Утро четвёртого августа Андерсен встретил, прерывисто дыша. Подумали, что у него жар. Он не просыпался. Зная, как дорог больному сон, его не стали будить. Фрау Мельхиор была около его постели. В одиннадцать утра она отлучилась из спальни. Через несколько минут прибежал лакей и сказал, что больной глубоко вздохнул, пошевелил языком и умер.
— Смерть во сне чаще всего даётся праведникам, — произнесла фрау Мельхиор и разрыдалась.

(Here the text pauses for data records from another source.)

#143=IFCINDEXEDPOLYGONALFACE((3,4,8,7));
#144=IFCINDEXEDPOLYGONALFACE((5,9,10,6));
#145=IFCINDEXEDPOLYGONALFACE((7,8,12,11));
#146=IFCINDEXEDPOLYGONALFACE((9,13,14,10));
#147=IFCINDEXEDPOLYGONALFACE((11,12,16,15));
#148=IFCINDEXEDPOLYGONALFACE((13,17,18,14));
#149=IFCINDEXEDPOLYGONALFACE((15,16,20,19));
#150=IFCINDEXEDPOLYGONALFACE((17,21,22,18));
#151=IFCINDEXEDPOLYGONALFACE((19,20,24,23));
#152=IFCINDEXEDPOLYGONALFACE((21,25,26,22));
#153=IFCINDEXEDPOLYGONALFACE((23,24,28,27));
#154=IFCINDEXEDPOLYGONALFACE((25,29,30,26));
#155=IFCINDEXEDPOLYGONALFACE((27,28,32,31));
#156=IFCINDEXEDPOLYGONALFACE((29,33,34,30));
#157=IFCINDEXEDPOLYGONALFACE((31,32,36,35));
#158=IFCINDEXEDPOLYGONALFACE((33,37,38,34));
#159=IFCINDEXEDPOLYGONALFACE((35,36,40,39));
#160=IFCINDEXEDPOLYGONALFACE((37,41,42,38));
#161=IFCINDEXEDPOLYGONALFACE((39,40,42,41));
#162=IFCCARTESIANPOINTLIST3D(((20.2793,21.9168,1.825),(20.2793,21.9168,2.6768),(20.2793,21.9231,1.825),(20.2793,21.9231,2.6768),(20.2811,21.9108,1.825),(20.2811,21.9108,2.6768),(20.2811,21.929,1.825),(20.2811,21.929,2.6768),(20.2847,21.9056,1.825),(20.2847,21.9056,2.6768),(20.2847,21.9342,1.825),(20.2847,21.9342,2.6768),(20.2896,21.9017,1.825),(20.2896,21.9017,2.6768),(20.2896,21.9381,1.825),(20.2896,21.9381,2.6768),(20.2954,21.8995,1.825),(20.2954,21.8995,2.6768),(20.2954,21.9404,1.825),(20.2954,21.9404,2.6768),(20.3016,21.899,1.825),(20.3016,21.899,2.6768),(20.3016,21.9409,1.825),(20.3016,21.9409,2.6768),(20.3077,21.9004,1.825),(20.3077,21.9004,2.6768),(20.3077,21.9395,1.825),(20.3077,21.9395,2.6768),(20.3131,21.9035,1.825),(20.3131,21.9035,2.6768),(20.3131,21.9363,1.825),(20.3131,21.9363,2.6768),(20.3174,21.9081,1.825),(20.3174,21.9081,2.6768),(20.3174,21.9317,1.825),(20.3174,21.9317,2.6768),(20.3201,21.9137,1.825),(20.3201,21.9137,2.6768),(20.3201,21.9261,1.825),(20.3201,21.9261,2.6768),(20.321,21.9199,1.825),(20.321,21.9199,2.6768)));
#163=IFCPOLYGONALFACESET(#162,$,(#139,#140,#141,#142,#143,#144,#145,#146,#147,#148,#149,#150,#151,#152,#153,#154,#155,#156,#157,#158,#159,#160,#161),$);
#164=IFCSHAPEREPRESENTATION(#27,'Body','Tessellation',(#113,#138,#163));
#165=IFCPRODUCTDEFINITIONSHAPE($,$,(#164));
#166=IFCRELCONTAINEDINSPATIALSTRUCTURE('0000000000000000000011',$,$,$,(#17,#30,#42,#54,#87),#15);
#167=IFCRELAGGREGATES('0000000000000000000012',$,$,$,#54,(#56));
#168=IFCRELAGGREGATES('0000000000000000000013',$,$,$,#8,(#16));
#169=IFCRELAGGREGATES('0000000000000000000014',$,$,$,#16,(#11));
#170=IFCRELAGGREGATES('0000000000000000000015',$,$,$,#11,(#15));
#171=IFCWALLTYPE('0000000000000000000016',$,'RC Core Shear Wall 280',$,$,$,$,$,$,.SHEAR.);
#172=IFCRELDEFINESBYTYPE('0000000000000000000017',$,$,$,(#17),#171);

Сквозь слёзы она проговорила:
— Он рассказал мне сон. «Однажды мне снилось, — сказал Андерсен, — что я лежу мёртвый в вилле Ролигхед и из моего тела вырастают цветы. Я будто говорю: смотрите, ведь я не умер, а расцветаю, как цветы весной!»
Взгляд её упал на розу, которую утром принесла она больному. Роза — это ежедневный ритуал, и она каждый день боялась, что забудет о розе, и приказывала лакею напоминать ей об обязанности перед Андерсеном.

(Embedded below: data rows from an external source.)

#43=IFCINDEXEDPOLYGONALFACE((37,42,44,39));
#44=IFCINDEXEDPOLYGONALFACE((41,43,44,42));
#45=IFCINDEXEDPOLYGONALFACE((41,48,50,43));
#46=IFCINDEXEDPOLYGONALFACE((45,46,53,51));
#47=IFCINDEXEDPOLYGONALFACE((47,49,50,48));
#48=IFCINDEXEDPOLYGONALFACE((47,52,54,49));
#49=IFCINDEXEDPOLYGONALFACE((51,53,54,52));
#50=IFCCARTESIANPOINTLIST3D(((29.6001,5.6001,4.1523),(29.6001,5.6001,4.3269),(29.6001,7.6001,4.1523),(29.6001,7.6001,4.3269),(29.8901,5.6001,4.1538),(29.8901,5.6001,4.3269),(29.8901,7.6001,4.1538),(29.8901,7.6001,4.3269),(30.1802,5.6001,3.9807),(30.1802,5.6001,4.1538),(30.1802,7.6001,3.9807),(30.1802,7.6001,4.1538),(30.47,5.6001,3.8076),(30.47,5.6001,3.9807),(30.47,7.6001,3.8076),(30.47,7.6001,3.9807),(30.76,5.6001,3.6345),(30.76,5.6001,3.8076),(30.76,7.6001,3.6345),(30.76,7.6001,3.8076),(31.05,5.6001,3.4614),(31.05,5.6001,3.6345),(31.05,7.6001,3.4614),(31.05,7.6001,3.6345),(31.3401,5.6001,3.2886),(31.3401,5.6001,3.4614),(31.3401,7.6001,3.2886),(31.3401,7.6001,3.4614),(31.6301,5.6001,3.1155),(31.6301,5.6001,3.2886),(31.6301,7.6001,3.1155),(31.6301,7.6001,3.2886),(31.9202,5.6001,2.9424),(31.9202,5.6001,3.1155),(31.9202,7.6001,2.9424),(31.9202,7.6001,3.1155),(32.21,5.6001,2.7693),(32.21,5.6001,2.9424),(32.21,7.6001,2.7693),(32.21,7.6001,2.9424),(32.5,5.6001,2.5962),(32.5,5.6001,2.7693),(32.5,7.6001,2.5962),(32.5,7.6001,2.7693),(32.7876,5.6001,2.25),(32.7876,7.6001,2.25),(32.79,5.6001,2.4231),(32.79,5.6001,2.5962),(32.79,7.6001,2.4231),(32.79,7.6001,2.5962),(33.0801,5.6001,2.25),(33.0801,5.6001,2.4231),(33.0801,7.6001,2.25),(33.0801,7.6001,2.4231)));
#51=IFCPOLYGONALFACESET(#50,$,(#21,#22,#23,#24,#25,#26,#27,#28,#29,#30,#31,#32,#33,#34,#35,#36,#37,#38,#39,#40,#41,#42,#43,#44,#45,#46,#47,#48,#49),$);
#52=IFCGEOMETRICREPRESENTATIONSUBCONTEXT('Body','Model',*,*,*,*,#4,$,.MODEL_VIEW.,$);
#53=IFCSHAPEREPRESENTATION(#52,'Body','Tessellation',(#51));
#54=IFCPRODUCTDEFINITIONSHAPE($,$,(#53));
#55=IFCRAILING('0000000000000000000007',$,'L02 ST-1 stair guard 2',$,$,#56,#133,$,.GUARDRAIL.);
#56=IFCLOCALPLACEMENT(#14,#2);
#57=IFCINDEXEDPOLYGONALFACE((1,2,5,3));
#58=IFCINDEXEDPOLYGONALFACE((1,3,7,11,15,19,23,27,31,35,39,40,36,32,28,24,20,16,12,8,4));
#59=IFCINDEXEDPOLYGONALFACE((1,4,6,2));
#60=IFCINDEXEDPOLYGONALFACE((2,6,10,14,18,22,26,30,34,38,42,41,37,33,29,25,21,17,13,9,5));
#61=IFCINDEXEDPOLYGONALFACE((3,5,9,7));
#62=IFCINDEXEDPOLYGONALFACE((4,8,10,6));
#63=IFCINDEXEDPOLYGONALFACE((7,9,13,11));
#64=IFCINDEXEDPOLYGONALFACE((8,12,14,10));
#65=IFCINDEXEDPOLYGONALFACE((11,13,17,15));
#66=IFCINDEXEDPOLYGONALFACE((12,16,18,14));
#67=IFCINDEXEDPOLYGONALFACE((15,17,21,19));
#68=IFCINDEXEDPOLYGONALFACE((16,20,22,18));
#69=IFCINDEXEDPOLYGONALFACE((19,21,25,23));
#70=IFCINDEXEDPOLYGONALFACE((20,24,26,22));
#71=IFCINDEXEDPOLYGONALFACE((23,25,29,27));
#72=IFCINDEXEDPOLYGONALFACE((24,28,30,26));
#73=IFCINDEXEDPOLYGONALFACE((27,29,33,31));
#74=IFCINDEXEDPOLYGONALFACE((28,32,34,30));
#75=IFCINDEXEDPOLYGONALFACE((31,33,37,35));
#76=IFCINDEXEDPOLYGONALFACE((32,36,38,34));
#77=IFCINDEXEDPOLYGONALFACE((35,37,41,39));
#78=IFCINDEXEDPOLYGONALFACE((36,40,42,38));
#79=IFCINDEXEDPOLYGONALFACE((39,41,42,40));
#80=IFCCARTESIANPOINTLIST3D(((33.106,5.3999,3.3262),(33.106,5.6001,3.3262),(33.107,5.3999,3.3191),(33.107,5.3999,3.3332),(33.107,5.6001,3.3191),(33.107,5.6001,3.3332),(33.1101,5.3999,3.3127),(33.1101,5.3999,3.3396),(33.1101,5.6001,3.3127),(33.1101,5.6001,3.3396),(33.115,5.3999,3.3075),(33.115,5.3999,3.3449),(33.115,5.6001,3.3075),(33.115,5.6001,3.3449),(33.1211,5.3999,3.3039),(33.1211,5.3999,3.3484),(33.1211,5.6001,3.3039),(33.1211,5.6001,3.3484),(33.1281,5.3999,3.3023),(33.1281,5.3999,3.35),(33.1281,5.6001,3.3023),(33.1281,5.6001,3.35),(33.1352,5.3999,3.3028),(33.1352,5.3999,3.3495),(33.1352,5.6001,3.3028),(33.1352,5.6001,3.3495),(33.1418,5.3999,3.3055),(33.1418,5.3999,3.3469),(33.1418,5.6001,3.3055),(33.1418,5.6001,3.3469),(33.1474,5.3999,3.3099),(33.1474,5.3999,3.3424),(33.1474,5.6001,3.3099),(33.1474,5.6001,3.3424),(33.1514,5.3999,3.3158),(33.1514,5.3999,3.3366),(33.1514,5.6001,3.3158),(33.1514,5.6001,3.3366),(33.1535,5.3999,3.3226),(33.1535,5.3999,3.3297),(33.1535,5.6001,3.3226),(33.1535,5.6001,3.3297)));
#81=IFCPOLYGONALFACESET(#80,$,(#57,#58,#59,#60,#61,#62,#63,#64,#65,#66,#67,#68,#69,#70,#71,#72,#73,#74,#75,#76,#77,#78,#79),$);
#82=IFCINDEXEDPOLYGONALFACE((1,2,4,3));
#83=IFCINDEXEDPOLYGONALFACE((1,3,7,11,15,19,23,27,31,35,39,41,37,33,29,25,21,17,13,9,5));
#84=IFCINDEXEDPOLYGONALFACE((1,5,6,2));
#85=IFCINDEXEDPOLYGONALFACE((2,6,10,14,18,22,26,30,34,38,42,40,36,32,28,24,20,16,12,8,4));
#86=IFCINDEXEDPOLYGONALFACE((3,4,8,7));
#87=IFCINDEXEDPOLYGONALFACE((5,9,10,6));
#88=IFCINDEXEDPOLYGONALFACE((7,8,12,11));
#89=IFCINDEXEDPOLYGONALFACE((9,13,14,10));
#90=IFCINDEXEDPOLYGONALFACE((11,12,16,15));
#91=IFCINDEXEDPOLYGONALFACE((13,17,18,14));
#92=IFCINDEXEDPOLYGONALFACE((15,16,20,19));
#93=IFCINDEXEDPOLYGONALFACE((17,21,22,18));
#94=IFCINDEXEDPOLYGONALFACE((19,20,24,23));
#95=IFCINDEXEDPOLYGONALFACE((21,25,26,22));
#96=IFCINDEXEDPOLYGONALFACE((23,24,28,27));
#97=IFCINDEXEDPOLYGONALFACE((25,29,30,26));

Первый лепесток упал с неё, хотя фрау Мельхиор сама выбрала эту розу для своего сказочника как самую свежую и красивую из тех, что встретила в это утро в саду.
Лепесток полежал несколько мгновений под её заплаканным взглядом и, повинуясь сквознячку, а может быть, своему желанию, упал на пол, она хотела поднять его, чтобы сохранить навсегда, но силы оставили её.

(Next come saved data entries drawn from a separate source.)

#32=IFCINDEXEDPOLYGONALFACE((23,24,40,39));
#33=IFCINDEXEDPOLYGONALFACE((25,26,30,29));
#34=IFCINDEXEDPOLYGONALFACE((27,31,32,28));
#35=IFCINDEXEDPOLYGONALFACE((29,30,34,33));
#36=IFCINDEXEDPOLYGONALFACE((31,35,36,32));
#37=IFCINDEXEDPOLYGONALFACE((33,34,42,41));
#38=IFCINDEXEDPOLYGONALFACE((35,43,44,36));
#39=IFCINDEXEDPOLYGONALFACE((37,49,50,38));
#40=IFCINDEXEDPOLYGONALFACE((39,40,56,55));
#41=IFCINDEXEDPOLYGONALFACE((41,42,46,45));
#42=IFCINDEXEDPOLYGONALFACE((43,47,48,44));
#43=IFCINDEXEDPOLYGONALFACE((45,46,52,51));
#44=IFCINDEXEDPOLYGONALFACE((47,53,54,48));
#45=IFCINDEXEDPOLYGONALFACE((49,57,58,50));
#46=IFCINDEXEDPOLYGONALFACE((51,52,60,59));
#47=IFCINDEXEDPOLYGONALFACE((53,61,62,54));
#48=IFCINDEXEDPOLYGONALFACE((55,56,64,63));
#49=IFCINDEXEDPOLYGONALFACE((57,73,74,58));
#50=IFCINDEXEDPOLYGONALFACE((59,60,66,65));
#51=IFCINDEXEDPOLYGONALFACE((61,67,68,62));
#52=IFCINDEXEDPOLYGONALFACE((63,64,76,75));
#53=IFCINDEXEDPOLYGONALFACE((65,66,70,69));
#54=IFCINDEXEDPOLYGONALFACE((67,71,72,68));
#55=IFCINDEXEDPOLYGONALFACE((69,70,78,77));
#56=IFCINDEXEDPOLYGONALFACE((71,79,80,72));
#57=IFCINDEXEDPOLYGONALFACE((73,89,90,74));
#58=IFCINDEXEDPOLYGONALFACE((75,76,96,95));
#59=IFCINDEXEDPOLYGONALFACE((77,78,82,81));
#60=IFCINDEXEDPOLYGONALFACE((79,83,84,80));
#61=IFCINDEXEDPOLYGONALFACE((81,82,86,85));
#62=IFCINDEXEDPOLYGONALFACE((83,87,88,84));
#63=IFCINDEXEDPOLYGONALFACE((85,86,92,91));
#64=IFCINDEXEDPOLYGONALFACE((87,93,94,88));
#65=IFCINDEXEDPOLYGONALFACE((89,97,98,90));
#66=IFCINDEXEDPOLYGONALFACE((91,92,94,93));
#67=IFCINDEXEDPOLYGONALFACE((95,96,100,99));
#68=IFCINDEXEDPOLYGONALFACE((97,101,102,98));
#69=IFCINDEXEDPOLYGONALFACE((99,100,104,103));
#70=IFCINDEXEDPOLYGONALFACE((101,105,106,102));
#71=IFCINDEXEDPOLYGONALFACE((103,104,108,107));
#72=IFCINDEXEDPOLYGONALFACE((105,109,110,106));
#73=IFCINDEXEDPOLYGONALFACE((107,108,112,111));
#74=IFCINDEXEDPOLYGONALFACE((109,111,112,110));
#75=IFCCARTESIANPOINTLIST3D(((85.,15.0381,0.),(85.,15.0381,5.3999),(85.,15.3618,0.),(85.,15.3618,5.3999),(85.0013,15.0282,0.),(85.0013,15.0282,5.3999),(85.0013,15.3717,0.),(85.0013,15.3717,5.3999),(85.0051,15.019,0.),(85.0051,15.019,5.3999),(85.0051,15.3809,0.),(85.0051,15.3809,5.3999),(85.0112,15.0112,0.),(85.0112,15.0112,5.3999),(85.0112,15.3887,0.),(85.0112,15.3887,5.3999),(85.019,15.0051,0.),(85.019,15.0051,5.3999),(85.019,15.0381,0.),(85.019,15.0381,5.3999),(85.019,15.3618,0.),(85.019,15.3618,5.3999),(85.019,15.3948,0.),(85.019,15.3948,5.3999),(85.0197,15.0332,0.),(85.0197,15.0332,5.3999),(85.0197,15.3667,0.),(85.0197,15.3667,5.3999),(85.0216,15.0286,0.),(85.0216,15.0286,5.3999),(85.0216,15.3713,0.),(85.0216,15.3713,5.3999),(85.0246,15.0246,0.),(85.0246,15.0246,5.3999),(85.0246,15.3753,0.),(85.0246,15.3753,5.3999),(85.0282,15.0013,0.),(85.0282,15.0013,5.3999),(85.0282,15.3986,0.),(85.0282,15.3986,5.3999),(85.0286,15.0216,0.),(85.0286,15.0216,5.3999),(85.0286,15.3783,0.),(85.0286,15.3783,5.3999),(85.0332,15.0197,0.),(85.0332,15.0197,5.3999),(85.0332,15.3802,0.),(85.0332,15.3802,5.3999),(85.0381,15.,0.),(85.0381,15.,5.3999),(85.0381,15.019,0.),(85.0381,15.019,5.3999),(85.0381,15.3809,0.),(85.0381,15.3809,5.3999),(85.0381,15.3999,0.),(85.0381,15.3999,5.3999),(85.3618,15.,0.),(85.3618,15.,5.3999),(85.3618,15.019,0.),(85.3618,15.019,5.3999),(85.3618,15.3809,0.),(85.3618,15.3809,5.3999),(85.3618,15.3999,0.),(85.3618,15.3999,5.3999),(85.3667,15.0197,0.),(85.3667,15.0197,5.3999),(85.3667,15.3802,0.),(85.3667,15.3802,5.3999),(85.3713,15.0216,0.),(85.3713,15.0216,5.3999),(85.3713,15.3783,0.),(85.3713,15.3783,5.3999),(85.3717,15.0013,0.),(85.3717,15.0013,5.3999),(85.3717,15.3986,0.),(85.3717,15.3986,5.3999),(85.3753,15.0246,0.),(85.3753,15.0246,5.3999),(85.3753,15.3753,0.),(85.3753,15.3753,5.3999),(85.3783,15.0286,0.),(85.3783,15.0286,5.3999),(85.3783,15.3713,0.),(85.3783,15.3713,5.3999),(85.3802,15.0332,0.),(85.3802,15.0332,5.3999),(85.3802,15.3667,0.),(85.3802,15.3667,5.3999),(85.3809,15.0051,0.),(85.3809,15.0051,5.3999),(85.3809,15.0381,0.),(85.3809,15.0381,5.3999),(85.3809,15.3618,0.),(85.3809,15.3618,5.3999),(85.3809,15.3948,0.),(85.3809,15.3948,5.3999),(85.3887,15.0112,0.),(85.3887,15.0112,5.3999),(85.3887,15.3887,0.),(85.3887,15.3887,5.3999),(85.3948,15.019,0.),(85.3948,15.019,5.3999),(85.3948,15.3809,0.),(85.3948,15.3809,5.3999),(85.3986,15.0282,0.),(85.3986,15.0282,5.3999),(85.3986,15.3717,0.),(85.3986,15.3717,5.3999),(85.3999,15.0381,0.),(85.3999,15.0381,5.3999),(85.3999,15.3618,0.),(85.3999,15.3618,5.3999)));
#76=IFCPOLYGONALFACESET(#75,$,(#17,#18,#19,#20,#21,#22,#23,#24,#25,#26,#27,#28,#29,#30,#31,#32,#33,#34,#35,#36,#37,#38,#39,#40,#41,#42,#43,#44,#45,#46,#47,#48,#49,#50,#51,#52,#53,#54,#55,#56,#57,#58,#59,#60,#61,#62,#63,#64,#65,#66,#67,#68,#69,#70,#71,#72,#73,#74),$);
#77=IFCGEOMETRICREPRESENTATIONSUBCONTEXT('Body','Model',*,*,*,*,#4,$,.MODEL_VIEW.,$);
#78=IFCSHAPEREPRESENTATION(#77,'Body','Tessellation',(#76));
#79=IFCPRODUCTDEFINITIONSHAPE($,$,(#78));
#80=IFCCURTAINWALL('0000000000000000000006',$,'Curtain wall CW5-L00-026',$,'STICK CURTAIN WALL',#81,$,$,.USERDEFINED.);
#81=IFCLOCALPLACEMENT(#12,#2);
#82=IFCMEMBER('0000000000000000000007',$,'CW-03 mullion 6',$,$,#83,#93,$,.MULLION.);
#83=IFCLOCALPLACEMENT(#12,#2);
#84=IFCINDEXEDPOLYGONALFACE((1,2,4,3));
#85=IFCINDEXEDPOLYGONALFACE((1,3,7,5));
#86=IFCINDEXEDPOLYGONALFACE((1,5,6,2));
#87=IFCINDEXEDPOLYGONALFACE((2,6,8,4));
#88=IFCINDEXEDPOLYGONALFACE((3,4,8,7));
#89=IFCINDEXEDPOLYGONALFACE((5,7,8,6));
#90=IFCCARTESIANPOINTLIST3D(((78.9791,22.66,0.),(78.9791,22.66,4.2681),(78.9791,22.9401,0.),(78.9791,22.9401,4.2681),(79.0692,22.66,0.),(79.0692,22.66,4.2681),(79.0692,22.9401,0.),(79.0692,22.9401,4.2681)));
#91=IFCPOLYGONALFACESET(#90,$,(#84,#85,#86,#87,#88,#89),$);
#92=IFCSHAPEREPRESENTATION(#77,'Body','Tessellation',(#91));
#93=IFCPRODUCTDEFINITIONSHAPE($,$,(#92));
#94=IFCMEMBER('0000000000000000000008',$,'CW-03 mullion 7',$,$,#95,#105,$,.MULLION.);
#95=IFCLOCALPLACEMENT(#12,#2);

Лакей наступил на лепесток, и его не стало.
Современная наука называет заболевание Андерсена синдромом Марфана. Это форма диспропорционального гигантизма. В основе его — дефект соединительной ткани. Синдром этот наследуется. Огромный рост, относительно короткое туловище, огромные конечности, очень длинные, как у паука, пальцы, вывих хрусталика — вот основные черты таких людей при полном проявлении синдрома Марфана. Это довольно редкая болезнь: на пятьдесят тысяч человек — один больной. В истории к таким людям следует отнести, кроме Ганса Христиана Андерсена, ещё и Авраама Линкольна, Шарля де Голля, Корнея Чуковского. У таких больных часто наблюдается сильный выброс адреналина, ведущий к быстрой смене настроений. У них есть огромный «рефлекс цели» (эндогенно или экзогенно), помогающий им реализовать свои способности. Этим рефлексом, на мой взгляд, объясняется вечная устремлённость Андерсена вслед за своими мечтами. Именно рефлекс цели привёл его в Копенгаген. Если бы он отсутствовал у будущего сказочника, то его замечательные способности вряд ли можно было реализовать. Эндогенный стимул заставил Андерсена перепробовать множество профессий, прежде чем он нашёл себя в литературе и смог реализовать свои способности. Жажду славы следует понимать, исходя из синдрома Марфана. Его постоянные изменения настроения, то исключительная бодрость и энергичность, то потеря жажды жизни — вне сомнения, имеют связь с выбросами адреналина в кровь. У людей с синдромом Марфана следует обратить внимание на чувство юмора и крупные носы. Посмотрите на портреты Андерсена, Линкольна, Чуковского, де Голля. И носы — одной породы, одного происхождения. Они царят на лице.